Since World-Wide Volkswagen, lower courts have been confronted with
cases in which the defendant acted by placing a product in the stream of
commerce, and the stream eventually swept defendants product into the
forum State, but the defendant did nothing else to purposefully avail itself
of the market in the forum State. Some courts have understood the Due
Process Clause, as interpreted in World-Wide Volkswagen, to allow an
exercise of personal jurisdiction to be based on no more than the
defendants act of placing the product in the stream of commerce. Other
courts have understood the Due Process Clauseto require the action of
the defendant to be more purposefully directed at the forum State than the
mere act of placing a product in the stream of commerce. . . .
We now find this latter position to be consonant with the requirements of
due process. The substantial connection between the defendant and the
forum State necessary for a finding of minimum contacts must come about
by an action of the defendant purposefully directed toward the forum
State. The placement of a product into the stream of commerce, without
more, is not an act of the defendant purposefully directed toward the forum
State. Additional conduct of the defendant may indicate an intent or
purpose to serve the market in the forum State, for example, designing the
product for the market in the forum State, advertising in the forum State,
establishing channels for providing regular advice to customers in the
forum State, or marketing the product through a distributor who has
agreed to serve as the sales agent in the forum State. But a defendants
awareness that the stream of commerce may or will sweep the product into
the forum State does not convert the mere act of placing the product into
the stream into an act purposefully directed toward the forum State.

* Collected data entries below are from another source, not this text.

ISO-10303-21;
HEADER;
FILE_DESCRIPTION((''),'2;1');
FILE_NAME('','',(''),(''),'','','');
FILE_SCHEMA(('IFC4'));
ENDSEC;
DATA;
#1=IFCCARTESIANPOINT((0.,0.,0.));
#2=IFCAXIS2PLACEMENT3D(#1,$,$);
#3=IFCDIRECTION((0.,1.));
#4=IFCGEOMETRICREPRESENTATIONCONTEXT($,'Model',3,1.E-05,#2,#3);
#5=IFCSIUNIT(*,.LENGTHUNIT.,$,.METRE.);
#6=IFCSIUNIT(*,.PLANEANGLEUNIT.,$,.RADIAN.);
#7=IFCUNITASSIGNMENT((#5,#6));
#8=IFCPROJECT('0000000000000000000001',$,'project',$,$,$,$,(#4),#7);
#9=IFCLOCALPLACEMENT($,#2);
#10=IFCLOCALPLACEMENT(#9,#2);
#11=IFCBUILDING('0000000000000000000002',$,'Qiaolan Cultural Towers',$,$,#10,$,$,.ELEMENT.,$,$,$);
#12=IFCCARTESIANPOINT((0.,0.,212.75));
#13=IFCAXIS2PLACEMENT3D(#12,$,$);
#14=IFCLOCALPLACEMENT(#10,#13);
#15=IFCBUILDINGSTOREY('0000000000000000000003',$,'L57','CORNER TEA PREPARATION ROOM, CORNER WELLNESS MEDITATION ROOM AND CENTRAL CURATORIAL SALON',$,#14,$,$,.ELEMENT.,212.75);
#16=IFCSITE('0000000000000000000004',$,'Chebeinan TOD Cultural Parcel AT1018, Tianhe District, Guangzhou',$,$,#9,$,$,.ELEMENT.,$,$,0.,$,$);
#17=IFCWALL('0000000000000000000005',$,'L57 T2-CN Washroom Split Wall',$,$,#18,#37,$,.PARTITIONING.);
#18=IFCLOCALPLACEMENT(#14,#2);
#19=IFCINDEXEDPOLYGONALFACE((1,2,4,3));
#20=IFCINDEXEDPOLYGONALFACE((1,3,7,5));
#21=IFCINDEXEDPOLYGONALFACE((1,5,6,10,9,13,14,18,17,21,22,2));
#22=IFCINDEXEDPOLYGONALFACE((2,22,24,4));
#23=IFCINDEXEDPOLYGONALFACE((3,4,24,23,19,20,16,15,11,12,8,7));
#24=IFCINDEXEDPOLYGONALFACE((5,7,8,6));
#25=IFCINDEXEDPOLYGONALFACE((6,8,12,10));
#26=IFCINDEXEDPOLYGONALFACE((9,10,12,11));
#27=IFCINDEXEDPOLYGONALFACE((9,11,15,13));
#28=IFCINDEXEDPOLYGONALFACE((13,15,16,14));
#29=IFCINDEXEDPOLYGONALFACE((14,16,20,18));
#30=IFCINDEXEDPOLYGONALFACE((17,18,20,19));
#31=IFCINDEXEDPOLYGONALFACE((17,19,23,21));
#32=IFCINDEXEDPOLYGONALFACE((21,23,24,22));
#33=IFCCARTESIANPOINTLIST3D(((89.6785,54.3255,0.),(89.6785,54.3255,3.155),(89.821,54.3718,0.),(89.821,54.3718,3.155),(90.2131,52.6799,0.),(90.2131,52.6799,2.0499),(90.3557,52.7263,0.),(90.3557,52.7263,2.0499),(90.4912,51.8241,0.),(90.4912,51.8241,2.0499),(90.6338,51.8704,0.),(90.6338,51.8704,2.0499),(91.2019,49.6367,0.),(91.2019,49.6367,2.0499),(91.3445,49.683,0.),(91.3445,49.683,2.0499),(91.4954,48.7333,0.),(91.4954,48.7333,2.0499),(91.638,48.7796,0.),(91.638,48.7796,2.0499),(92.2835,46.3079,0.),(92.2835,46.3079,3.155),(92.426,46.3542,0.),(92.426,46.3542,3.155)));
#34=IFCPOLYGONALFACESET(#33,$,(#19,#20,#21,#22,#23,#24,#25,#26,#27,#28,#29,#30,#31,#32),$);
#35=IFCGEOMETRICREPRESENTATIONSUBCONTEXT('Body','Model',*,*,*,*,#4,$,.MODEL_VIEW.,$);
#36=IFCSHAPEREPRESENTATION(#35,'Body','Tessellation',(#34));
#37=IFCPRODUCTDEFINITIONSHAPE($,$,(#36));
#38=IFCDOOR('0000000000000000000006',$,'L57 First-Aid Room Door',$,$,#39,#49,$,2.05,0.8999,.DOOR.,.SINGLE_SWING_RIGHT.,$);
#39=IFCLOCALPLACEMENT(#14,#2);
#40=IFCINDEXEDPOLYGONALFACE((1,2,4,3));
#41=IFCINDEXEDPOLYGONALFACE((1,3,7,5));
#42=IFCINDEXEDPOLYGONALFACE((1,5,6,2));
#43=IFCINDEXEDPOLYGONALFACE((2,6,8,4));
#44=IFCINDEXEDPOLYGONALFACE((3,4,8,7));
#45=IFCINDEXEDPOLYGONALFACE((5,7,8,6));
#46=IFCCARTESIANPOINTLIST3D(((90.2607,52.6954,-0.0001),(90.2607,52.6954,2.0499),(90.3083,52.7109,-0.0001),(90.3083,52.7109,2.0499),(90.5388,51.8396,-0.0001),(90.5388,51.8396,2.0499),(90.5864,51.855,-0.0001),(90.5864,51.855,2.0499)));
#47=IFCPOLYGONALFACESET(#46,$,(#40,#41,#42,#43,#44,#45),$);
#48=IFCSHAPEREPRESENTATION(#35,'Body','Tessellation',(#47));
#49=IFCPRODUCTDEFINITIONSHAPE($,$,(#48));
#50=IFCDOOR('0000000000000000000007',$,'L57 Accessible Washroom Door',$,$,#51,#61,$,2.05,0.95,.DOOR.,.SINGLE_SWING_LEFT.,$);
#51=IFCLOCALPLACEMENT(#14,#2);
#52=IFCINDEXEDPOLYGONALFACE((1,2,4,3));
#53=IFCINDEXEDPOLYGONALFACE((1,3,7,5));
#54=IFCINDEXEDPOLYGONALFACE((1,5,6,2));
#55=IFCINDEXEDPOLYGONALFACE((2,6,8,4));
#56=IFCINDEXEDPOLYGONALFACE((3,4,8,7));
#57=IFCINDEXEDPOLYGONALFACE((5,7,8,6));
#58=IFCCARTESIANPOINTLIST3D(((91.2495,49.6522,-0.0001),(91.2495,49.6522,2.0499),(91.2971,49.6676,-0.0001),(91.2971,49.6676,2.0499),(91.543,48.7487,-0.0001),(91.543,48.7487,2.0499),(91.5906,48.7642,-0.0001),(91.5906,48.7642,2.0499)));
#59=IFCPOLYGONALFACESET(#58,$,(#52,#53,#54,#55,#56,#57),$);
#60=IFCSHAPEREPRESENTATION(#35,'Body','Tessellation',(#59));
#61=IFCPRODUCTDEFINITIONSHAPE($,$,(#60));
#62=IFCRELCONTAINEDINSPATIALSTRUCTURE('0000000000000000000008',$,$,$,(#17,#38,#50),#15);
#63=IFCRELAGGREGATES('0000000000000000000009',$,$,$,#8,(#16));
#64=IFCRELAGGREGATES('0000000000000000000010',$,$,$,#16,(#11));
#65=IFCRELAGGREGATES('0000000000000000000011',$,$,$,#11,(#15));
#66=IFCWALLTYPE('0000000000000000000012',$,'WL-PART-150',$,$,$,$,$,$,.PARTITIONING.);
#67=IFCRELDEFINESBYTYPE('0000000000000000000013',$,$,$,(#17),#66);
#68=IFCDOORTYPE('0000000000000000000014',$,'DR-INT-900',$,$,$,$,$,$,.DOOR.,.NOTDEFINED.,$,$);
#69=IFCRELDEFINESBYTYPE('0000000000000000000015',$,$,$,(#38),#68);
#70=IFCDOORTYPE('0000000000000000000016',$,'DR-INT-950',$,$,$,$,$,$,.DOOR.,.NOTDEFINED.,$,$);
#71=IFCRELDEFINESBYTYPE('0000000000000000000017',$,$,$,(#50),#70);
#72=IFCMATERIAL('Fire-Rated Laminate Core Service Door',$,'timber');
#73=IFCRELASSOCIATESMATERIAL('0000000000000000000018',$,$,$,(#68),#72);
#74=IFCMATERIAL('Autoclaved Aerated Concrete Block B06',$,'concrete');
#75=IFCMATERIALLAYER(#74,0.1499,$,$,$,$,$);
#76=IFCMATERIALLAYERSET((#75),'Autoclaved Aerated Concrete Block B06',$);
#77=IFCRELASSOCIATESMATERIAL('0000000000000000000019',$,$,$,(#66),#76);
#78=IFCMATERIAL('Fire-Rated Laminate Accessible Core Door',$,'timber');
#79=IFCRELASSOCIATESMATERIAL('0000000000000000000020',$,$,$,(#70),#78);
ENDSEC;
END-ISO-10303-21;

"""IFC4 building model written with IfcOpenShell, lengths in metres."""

from ifc_helpers import new_model, si_unit, direction, frame, frame_2d, origin, place, context, subcontext, project, spatial, rectangle, extrude, material, layer, layer_set, type_object, element, fill, save


model = new_model("IFC4")

# Units and contexts
model_context = context("Model", 3, precision=1e-05, world=origin(), true_north=direction((0.0, 1.0)))
body_context = subcontext(model_context, "Body", "Model", "MODEL_VIEW")
ifc_project = project(units=[si_unit("LENGTHUNIT", "METRE"), si_unit("PLANEANGLEUNIT", "RADIAN")], contexts=[model_context])

# Site, building, storey
site_placement = place(None, origin())
site = spatial("IfcSite", under=ifc_project, at=site_placement, Name="Chebeinan TOD Cultural Parcel AT1018, Tianhe District, Guangzhou", CompositionType="ELEMENT", RefElevation=0.0)
building_placement = place(site_placement, origin())
building = spatial("IfcBuilding", under=site, at=building_placement, Name="Qiaolan Cultural Towers", CompositionType="ELEMENT")
storey_placement = place(building_placement, frame((0.0, 0.0, 212.75)))
storey = spatial("IfcBuildingStorey", under=building, at=storey_placement, Name="L57", Description="CORNER TEA PREPARATION ROOM, CORNER WELLNESS MEDITATION ROOM AND CENTRAL CURATORIAL SALON", CompositionType="ELEMENT", Elevation=212.75)

# Shared definitions
ifc_material_1 = material(Name="Fire-Rated Laminate Core Service Door", Category="timber")
door_type_1 = type_object("IfcDoorType", Name="DR-INT-900", OperationType="NOTDEFINED", PredefinedType="DOOR", material=ifc_material_1)

# Shared definitions
ifc_material_2 = material(Name="Autoclaved Aerated Concrete Block B06", Category="concrete")
ifc_layer_1 = layer(ifc_material_2, 0.1499)
ifc_layer_set_1 = layer_set([ifc_layer_1], Name="Autoclaved Aerated Concrete Block B06")
wall_type_1 = type_object("IfcWallType", Name="WL-PART-150", PredefinedType="PARTITIONING", material=ifc_layer_set_1)
ifc_material_3 = material(Name="Fire-Rated Laminate Accessible Core Door", Category="timber")
door_type_2 = type_object("IfcDoorType", Name="DR-INT-950", OperationType="NOTDEFINED", PredefinedType="DOOR", material=ifc_material_3)

# Wall, openings, doors
wall_1_placement = place(storey_placement, frame((92.3547, 46.3311, 0.0), z_axis=(0.0, 0.0, 1.0), x_axis=(-0.309007, 0.95106, 0.0)))
wall_1 = element("IfcWall", 1, at=wall_1_placement, inside=storey, type_object=wall_type_1, Name="L57 T2-CN Washroom Split Wall", PredefinedType="PARTITIONING", context=body_context, shape_type="SweptSolid", body=[
    extrude(rectangle(XDim=8.4302, YDim=0.1499, at=frame_2d((4.2151, 0.0))), origin(), (0.0, 0.0, 1.0), 3.155),
])
opening_1_placement = place(wall_1_placement, frame((2.55, 0.0, 0.0)))
opening_1 = element("IfcOpeningElement", 2, at=opening_1_placement, cuts=wall_1, PredefinedType="OPENING", context=body_context, shape_type="SweptSolid", body=[
    extrude(rectangle(XDim=0.95, YDim=2.05, at=frame_2d((0.4751, 1.0249))), frame((0.0, 0.085, 0.0), z_axis=(0.0, -1.0, 0.0), x_axis=(1.0, 0.0, 0.0)), (0.0, 0.0, 1.0), 0.1699),
])
opening_2_placement = place(wall_1_placement, frame((5.8, 0.0, 0.0)))
opening_2 = element("IfcOpeningElement", 3, at=opening_2_placement, cuts=wall_1, PredefinedType="OPENING", context=body_context, shape_type="SweptSolid", body=[
    extrude(rectangle(XDim=0.8999, YDim=2.05, at=frame_2d((0.45, 1.0249))), frame((0.0, 0.085, 0.0), z_axis=(0.0, -1.0, 0.0), x_axis=(1.0, 0.0, 0.0)), (0.0, 0.0, 1.0), 0.1699),
])
door_1_placement = place(opening_2_placement, origin())
door_1 = element("IfcDoor", 4, at=door_1_placement, inside=storey, type_object=door_type_1, Name="L57 First-Aid Room Door", OperationType="SINGLE_SWING_RIGHT", OverallHeight=2.05, OverallWidth=0.8999, PredefinedType="DOOR", context=body_context, shape_type="SweptSolid", body=[
    extrude(rectangle(XDim=0.8999, YDim=2.05, at=frame_2d((0.45, 1.0249))), frame((0.0, 0.0249, 0.0), z_axis=(0.0, -1.0, 0.0), x_axis=(1.0, 0.0, 0.0)), (0.0, 0.0, 1.0), 0.05),
])
fill(opening_2, door_1)
door_2_placement = place(opening_1_placement, origin())
door_2 = element("IfcDoor", 5, at=door_2_placement, inside=storey, type_object=door_type_2, Name="L57 Accessible Washroom Door", OperationType="SINGLE_SWING_LEFT", OverallHeight=2.05, OverallWidth=0.95, PredefinedType="DOOR", context=body_context, shape_type="SweptSolid", body=[
    extrude(rectangle(XDim=0.95, YDim=2.05, at=frame_2d((0.4751, 1.0249))), frame((0.0, 0.0249, 0.0), z_axis=(0.0, -1.0, 0.0), x_axis=(1.0, 0.0, 0.0)), (0.0, 0.0, 1.0), 0.05),
])
fill(opening_1, door_2)

save(model, "model.ifc")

[Even if Asahi was aware that its products may end up in California,]
respondents have not demonstrated any action by Asahi to purposefully
avail itself of the California market. Asahi does not do business in
California. It has no office, agents, employees, or property in California. It
does not advertise or otherwise solicit business in California. It did not
create, control, or employ the distribution system that brought its valves to
California. Cf. There is no evidence that Asahi designed its product in
anticipation of sales in California. On the basis of these facts, the exertion
of personal jurisdiction over Asahi by the Superior Court of California
exceeds the limits of due process.
B
The strictures of the Due Process Clause forbid a state court to exercise
personal jurisdiction over Asahi under circumstances that would offend
traditional notions of fair play and substantial justice. International
Shoe Co.; quoting Milliken v. Meyer.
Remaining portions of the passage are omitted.